The really interesting thing, as far as the current debate is concerned, was that we were each given a little NHS booklet called a “vaccination record” where details about our rabies injections were recorded meticulously – like health passports.

They showed the date, drug brand and dose, and the name of the nurse who vaccinated us at our GP practice. They were next to our previous vaccinations for Hepatitis A and typhoid fever for a journey to the Caribbean. Gaps were left for others such as yellow fever and influenza.

Nothing untoward happened during that West Indies trip either, apart from one afternoon when I was snoozing on a beach after a rather enjoyable luncheon. I awoke with a start to discover a 6ft 2ins gentleman with dreadlocks massaging my toes and feet with oils. I don’t think there is any vaccine against this type of thing, so I paid him £10 to “please go away”.

I looked again at these personal health booklets the other day.

We were warned to keep them with our passports at all times. So they were obviously intended as a form of vaccine passport for official scrutiny, if necessary.

Above all, they offered peace of mind and a real sense of security if we felt vulnerable and exposed.

Why hide it?

So why are ministers giving muddled messages about issuing vaccination passports for travel or domestic use?
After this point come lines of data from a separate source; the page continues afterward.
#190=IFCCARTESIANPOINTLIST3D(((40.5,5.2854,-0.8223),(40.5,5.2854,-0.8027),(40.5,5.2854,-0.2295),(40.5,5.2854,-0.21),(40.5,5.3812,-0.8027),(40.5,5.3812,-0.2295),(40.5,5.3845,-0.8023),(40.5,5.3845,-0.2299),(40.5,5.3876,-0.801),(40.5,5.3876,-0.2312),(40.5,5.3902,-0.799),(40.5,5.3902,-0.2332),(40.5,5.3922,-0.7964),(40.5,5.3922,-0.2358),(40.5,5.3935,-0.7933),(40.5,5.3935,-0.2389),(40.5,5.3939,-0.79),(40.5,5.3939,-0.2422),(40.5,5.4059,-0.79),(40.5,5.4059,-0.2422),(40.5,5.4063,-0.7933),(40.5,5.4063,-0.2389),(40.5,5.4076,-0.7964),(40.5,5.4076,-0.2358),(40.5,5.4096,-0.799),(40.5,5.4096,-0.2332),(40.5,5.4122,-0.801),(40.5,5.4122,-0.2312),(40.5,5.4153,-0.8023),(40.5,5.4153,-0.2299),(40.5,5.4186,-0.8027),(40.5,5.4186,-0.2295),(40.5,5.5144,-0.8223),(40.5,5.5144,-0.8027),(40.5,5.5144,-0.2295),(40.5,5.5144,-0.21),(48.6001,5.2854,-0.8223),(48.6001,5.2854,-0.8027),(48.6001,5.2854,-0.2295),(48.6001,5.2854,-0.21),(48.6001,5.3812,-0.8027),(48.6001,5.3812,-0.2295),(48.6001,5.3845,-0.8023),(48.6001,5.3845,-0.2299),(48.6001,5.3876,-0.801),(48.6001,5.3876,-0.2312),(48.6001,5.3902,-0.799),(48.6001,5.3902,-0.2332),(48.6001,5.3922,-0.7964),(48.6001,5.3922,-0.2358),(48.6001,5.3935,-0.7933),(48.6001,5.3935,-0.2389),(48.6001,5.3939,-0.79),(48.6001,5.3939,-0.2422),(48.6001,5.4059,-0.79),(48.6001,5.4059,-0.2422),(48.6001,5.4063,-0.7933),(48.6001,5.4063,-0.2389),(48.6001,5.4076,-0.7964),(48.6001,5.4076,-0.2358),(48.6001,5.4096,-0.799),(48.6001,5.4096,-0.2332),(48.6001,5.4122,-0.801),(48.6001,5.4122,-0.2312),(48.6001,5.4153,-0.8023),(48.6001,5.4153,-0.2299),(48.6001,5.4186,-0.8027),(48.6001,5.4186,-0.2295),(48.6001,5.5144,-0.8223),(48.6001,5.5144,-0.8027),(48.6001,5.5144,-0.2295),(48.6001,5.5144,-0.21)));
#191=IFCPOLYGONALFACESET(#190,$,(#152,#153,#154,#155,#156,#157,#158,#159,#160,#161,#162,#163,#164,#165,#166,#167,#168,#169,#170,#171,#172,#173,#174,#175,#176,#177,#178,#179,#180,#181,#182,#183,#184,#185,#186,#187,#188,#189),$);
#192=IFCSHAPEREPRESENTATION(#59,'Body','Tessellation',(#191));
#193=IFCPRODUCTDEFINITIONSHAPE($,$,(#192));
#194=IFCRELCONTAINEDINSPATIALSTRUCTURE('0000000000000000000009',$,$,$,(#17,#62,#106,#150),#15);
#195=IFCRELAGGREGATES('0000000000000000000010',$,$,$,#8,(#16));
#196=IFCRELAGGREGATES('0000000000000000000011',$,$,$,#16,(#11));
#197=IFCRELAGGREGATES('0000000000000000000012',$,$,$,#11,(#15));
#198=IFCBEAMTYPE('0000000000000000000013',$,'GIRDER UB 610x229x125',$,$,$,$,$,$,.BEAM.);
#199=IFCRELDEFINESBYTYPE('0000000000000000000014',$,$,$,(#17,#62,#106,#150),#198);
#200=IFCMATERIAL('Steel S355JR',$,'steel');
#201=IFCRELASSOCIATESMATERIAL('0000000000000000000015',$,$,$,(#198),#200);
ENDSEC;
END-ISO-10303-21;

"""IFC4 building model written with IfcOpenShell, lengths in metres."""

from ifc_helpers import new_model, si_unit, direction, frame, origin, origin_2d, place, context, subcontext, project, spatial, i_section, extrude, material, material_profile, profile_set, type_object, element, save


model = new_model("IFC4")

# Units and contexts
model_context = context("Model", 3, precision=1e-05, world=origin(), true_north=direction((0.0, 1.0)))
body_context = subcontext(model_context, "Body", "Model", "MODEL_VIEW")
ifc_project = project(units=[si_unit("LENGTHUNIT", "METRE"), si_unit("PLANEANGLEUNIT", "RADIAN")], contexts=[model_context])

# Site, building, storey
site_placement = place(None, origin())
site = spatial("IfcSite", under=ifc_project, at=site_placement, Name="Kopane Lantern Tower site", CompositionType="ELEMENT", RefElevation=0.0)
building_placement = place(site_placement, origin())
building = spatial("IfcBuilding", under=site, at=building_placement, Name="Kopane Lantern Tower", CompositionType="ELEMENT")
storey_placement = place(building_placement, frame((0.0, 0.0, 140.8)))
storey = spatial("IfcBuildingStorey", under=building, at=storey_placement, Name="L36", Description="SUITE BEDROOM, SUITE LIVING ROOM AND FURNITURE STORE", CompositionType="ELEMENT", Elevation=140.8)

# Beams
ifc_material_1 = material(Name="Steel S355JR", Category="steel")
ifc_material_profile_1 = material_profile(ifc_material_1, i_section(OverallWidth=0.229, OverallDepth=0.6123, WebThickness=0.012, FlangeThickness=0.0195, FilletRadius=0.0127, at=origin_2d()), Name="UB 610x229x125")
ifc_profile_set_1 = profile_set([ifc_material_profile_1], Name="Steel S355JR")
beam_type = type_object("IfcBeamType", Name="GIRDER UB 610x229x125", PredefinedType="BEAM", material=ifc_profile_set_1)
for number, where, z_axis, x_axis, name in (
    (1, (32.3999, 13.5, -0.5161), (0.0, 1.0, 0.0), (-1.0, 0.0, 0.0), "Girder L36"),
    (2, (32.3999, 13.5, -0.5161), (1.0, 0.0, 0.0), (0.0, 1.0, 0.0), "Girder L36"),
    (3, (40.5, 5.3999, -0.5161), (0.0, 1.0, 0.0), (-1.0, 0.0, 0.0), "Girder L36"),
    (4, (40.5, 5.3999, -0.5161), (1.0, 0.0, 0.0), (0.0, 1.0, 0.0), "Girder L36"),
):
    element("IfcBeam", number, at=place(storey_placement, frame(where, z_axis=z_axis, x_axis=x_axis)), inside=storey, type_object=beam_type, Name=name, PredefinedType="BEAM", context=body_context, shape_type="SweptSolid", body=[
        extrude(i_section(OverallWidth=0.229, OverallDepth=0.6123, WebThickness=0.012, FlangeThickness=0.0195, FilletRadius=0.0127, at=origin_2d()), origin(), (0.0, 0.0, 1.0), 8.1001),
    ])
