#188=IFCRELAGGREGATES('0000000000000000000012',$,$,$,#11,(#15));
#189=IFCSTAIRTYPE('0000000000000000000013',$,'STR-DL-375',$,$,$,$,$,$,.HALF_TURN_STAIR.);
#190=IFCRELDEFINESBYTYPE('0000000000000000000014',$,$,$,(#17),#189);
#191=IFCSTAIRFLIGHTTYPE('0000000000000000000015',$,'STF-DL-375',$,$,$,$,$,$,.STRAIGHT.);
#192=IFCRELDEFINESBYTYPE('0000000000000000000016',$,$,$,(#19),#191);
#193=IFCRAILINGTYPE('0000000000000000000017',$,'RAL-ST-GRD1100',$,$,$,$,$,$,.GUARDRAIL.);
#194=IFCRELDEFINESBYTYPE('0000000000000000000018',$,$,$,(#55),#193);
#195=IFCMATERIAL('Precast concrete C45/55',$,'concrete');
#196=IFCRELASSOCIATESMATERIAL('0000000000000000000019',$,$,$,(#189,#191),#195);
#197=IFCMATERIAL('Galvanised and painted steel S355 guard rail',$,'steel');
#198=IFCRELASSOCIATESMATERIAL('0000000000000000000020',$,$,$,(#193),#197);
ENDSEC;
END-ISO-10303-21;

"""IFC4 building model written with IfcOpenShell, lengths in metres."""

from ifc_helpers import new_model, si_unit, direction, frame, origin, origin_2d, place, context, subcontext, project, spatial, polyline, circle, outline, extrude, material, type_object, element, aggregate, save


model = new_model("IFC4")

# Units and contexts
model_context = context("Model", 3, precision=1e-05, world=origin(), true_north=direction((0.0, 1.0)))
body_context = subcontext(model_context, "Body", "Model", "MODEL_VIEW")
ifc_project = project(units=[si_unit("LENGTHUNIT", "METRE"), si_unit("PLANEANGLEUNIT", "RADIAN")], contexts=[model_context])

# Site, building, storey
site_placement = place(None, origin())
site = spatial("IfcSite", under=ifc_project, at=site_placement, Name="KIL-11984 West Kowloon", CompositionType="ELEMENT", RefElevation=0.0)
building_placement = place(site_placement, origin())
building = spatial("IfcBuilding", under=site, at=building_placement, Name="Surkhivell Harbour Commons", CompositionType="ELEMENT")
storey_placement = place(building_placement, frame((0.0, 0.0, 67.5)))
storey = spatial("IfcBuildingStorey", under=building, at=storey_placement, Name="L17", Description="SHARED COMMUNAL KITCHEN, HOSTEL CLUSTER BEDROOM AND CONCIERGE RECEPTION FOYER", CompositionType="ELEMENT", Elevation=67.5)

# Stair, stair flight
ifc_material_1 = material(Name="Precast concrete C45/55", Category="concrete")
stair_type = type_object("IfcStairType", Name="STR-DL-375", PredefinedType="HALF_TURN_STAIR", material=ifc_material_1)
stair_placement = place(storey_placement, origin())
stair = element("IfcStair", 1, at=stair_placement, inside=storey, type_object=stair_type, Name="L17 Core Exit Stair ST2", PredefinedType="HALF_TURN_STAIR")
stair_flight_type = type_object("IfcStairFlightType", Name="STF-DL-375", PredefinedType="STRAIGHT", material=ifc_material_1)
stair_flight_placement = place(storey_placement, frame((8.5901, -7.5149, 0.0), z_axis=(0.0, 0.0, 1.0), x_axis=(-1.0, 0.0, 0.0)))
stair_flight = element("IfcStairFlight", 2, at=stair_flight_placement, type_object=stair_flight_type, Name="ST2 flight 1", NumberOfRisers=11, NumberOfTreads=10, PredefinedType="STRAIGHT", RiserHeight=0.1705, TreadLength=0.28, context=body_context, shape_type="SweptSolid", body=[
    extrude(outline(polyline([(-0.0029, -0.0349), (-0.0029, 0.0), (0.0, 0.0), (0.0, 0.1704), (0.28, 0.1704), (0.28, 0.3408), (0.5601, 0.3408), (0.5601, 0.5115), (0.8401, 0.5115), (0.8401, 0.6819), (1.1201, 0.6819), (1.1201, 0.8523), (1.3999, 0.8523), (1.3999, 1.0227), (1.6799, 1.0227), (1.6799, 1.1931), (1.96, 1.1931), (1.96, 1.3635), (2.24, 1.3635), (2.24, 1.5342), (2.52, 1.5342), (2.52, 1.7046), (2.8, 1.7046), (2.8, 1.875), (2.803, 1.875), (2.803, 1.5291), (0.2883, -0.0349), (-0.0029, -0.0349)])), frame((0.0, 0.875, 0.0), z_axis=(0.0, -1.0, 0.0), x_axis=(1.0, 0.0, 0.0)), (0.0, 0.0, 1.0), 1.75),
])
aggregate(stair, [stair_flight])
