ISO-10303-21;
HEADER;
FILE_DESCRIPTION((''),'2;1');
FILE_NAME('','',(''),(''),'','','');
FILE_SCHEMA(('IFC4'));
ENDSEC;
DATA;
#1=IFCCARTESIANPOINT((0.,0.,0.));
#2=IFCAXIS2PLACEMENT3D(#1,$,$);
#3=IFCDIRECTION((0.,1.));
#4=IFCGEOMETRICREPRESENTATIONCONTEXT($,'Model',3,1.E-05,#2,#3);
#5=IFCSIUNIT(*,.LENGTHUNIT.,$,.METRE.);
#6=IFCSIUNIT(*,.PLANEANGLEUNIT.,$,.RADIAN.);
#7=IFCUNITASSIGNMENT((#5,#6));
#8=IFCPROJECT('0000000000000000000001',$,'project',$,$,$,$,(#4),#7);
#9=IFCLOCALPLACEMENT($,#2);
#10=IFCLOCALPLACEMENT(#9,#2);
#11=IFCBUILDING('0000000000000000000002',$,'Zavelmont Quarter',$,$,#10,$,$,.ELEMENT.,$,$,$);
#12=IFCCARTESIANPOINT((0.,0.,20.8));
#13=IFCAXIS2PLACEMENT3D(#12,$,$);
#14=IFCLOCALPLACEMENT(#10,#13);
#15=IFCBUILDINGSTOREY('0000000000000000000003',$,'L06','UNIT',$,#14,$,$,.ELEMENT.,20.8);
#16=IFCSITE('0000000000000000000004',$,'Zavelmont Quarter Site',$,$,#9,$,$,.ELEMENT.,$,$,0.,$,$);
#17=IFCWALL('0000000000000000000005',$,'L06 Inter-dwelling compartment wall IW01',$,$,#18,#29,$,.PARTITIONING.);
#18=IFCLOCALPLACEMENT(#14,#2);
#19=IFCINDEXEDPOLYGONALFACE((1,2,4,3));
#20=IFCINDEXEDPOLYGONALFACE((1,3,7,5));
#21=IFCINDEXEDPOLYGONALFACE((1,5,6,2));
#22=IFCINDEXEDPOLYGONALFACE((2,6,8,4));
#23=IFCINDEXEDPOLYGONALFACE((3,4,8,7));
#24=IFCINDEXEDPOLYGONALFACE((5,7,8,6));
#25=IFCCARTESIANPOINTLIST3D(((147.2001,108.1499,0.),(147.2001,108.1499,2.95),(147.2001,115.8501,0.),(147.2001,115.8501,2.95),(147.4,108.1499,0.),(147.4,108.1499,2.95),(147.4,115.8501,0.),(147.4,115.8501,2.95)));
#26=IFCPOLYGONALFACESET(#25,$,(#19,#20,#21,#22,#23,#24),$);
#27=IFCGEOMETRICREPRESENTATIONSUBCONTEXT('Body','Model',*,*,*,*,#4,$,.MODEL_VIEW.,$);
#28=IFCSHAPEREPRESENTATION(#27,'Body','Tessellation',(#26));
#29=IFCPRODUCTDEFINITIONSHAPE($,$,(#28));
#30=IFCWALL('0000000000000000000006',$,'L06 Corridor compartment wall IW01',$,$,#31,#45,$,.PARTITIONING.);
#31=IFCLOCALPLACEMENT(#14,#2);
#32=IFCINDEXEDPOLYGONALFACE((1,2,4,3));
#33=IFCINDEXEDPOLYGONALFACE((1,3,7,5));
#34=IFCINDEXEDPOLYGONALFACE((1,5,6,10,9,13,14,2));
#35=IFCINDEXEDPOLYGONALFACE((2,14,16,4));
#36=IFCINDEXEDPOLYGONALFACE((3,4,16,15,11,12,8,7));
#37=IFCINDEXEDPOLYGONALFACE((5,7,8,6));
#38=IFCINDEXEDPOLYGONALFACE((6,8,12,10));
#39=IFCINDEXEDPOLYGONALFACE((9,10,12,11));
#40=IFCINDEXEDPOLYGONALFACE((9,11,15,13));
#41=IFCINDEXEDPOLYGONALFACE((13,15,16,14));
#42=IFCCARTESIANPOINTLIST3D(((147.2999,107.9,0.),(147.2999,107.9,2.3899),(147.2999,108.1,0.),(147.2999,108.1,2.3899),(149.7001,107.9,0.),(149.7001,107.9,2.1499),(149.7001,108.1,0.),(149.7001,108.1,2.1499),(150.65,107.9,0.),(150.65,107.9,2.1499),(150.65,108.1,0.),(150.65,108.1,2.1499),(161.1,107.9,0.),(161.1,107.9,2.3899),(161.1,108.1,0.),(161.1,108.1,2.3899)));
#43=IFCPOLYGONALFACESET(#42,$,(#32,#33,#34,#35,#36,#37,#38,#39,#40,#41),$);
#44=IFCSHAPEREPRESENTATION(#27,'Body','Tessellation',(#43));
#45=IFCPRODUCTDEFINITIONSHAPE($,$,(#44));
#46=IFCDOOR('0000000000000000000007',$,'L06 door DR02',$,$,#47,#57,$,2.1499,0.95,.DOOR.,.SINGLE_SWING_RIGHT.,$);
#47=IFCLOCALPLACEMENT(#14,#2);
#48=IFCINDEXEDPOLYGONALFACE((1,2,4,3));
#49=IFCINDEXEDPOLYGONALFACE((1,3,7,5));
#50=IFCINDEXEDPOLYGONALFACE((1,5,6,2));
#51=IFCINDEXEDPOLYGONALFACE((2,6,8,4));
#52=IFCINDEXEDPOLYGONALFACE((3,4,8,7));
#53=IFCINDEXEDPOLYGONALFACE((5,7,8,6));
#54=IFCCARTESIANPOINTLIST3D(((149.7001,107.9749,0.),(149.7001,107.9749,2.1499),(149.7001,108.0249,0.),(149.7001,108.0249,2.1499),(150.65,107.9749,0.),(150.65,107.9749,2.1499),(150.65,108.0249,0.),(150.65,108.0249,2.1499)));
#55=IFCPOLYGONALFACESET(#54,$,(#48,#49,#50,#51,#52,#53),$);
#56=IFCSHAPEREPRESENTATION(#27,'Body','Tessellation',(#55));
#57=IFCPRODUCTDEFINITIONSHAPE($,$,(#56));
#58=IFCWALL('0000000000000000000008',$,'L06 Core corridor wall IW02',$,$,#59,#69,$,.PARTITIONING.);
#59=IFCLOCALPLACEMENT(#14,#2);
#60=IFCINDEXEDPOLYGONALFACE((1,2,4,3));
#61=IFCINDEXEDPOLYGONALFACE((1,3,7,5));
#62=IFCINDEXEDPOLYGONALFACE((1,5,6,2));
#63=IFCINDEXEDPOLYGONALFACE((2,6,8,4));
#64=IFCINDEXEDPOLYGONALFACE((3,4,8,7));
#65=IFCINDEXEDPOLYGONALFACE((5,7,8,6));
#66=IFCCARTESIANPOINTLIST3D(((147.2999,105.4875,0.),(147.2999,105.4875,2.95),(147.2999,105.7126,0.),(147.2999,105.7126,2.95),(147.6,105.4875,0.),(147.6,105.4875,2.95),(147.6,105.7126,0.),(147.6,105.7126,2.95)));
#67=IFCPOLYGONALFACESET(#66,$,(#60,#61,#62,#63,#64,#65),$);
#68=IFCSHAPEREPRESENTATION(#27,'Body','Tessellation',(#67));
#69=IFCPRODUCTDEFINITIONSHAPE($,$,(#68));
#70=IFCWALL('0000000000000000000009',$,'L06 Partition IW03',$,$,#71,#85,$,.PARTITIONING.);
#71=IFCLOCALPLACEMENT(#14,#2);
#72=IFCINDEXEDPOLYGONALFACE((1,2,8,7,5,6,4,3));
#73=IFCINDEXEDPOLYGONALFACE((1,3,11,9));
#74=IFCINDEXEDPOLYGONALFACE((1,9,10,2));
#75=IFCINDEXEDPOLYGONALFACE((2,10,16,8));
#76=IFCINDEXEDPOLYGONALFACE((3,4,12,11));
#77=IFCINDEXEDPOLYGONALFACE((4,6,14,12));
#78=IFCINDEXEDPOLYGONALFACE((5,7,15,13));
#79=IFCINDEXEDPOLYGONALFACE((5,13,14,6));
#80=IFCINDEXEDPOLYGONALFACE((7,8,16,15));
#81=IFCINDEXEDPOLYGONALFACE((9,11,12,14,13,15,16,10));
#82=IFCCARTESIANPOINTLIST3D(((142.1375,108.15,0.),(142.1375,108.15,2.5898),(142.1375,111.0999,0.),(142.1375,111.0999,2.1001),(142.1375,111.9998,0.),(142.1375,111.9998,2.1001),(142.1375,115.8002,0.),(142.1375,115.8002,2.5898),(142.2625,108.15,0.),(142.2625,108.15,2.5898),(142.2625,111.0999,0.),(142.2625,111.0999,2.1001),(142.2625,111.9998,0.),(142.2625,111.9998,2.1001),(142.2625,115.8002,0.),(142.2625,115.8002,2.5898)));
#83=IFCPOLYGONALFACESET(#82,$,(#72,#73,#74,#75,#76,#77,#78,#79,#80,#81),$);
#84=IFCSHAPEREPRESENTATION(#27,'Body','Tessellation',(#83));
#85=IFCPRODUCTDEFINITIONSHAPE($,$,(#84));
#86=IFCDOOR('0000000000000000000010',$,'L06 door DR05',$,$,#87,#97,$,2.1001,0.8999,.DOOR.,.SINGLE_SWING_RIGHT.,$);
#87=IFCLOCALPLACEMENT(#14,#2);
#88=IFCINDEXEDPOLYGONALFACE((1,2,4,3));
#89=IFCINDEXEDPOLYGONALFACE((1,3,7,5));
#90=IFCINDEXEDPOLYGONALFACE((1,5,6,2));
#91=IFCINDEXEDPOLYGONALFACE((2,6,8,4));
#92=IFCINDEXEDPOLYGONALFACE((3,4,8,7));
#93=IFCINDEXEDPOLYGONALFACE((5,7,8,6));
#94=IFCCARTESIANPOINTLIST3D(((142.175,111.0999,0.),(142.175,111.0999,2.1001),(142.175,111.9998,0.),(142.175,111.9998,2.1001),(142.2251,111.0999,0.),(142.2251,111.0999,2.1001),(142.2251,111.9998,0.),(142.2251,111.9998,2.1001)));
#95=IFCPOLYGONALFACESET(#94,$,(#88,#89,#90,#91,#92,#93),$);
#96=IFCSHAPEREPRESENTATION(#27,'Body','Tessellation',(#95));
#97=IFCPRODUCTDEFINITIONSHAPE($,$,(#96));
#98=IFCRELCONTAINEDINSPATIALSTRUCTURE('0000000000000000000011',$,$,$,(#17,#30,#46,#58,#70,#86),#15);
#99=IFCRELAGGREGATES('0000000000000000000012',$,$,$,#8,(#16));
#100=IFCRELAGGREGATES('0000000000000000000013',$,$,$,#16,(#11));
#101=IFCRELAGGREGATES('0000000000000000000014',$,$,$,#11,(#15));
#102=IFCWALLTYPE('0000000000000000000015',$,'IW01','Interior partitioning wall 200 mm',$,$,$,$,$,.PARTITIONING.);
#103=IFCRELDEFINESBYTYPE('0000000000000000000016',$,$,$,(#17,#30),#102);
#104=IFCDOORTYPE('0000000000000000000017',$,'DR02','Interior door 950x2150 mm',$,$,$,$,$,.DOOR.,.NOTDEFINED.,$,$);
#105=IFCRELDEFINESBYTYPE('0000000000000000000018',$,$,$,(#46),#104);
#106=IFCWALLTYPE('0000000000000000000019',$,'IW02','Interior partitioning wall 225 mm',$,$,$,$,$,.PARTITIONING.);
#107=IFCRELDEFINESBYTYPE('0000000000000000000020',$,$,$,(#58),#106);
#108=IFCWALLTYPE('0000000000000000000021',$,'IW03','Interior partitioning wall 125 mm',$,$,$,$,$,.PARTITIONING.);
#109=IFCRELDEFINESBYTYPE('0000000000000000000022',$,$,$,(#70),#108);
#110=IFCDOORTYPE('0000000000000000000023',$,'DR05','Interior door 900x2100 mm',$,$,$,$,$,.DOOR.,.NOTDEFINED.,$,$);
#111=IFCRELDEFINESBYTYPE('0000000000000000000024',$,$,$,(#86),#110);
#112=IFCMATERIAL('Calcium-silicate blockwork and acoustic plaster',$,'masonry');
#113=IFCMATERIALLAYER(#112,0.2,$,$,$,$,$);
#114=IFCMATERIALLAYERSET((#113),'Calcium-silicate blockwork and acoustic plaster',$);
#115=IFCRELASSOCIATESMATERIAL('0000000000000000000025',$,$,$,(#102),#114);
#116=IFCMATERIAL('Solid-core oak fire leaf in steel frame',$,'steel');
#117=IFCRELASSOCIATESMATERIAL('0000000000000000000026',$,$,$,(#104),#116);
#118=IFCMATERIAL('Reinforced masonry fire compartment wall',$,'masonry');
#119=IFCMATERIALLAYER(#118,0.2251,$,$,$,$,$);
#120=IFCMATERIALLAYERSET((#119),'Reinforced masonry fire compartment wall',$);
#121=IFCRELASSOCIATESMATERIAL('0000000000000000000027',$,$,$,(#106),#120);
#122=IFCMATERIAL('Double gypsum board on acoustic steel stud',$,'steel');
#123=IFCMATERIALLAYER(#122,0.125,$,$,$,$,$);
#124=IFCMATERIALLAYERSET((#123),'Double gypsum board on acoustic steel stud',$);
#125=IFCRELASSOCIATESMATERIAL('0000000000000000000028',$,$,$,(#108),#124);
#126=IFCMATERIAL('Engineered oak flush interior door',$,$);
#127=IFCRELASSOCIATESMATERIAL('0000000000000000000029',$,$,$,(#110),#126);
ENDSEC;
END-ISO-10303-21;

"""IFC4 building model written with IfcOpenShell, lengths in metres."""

from ifc_helpers import new_model, si_unit, direction, frame, frame_2d, origin, origin_with_axes, place, context, subcontext, project, spatial, rectangle, extrude, material, layer, layer_set, type_object, element, fill, save


model = new_model("IFC4")

# Units and contexts
model_context = context("Model", 3, precision=1e-05, world=origin(), true_north=direction((0.0, 1.0)))
body_context = subcontext(model_context, "Body", "Model", "MODEL_VIEW")
ifc_project = project(units=[si_unit("LENGTHUNIT", "METRE"), si_unit("PLANEANGLEUNIT", "RADIAN")], contexts=[model_context])

# Site, building, storey
site_placement = place(None, origin())
site = spatial("IfcSite", under=ifc_project, at=site_placement, Name="Zavelmont Quarter Site", CompositionType="ELEMENT", RefElevation=0.0)
building_placement = place(site_placement, origin())
building = spatial("IfcBuilding", under=site, at=building_placement, Name="Zavelmont Quarter", CompositionType="ELEMENT")
storey_placement = place(building_placement, frame((0.0, 0.0, 20.8)))
storey = spatial("IfcBuildingStorey", under=building, at=storey_placement, Name="L06", Description="UNIT", CompositionType="ELEMENT", Elevation=20.8)

# Wall
ifc_material_1 = material(Name="Calcium-silicate blockwork and acoustic plaster", Category="masonry")
ifc_layer_1 = layer(ifc_material_1, 0.2)
ifc_layer_set_1 = layer_set([ifc_layer_1], Name="Calcium-silicate blockwork and acoustic plaster")
wall_type_1 = type_object("IfcWallType", Name="IW01", Description="Interior partitioning wall 200 mm", PredefinedType="PARTITIONING", material=ifc_layer_set_1)
wall_1_placement = place(storey_placement, frame((147.3, 108.1499, 0.0), z_axis=(0.0, 0.0, 1.0), x_axis=(0.0, 1.0, 0.0)))
element("IfcWall", 1, at=wall_1_placement, inside=storey, type_object=wall_type_1, Name="L06 Inter-dwelling compartment wall IW01", PredefinedType="PARTITIONING", context=body_context, shape_type="SweptSolid", body=[
    extrude(rectangle(XDim=7.7002, YDim=0.2, at=frame_2d((3.8501, 0.0))), origin(), (0.0, 0.0, 1.0), 2.95),
])

# Wall, opening, door
wall_2_placement = place(storey_placement, frame((147.3, 108.0, 0.0), z_axis=(0.0, 0.0, 1.0), x_axis=(1.0, 0.0, 0.0)))
wall_2 = element("IfcWall", 2, at=wall_2_placement, inside=storey, type_object=wall_type_1, Name="L06 Corridor compartment wall IW01", PredefinedType="PARTITIONING", context=body_context, shape_type="SweptSolid", body=[
    extrude(rectangle(XDim=13.8, YDim=0.2, at=frame_2d((6.8999, 0.0))), origin(), (0.0, 0.0, 1.0), 2.3899),
])
opening_1_placement = place(wall_2_placement, frame((2.3999, 0.0, 0.0)))
opening_1 = element("IfcOpeningElement", 3, at=opening_1_placement, cuts=wall_2, PredefinedType="OPENING", context=body_context, shape_type="SweptSolid", body=[
    extrude(rectangle(XDim=0.95, YDim=2.1499, at=frame_2d((0.4751, 1.075))), frame((0.0, 0.1118, 0.0), z_axis=(0.0, -1.0, 0.0), x_axis=(1.0, 0.0, 0.0)), (0.0, 0.0, 1.0), 0.2239),
])
ifc_material_2 = material(Name="Solid-core oak fire leaf in steel frame", Category="steel")
door_type_1 = type_object("IfcDoorType", Name="DR02", Description="Interior door 950x2150 mm", OperationType="NOTDEFINED", PredefinedType="DOOR", material=ifc_material_2)
door_1_placement = place(opening_1_placement, origin_with_axes())
door_1 = element("IfcDoor", 4, at=door_1_placement, inside=storey, type_object=door_type_1, Name="L06 door DR02", OperationType="SINGLE_SWING_RIGHT", OverallHeight=2.1499, OverallWidth=0.95, PredefinedType="DOOR", context=body_context, shape_type="SweptSolid", body=[
    extrude(rectangle(XDim=0.95, YDim=2.1499, at=frame_2d((0.4751, 1.075))), frame((0.0, 0.0249, 0.0), z_axis=(0.0, -1.0, 0.0), x_axis=(1.0, 0.0, 0.0)), (0.0, 0.0, 1.0), 0.05),
])
fill(opening_1, door_1)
To my surprise, I was not given any certification when I had my first Oxford/AstraZeneca jab. After all, we have already consented to our liberties being put in a straitjacket for the time being. For example, lockdown and Covid testing, and now compulsory hotel quarantine for others, have become routine along with border checks and police interceptions.

I understand fears around “demonisation” and “discrimination”; there is apprehension about vaccine passports being mandatory in daily life, such as going to the shops or getting a job.

Many will say: “Why not?”

But if coronavirus passports come to pass, we must consider alternative Covid-test validation for those excluded – those who cannot have vaccine for medical reasons or younger people who are still awaiting their jabs.

I support libertarian arguments for free speech and movement as a general rule, but we are also fighting our biggest crisis since the Second World War. It’s not as though the state, NHS or banks do not know everything about us already. Even Netflix reminds me spookily via email what I was looking at last night on TV and asks when I will resume watching it.

I suspect vaccine passports will become as commonplace as full passports or driving licences. I would certainly feel happier with one – and knowing that strangers breathing on me had one, too.

It’s a genie which will be hard to put back in the bottle as we are swept in this direction both here and abroad anyway.

As always, the majority view and common sense must prevail.

People want to feel safe when the world opens up again. Surely this is what mass vaccination is all about – so why hide it?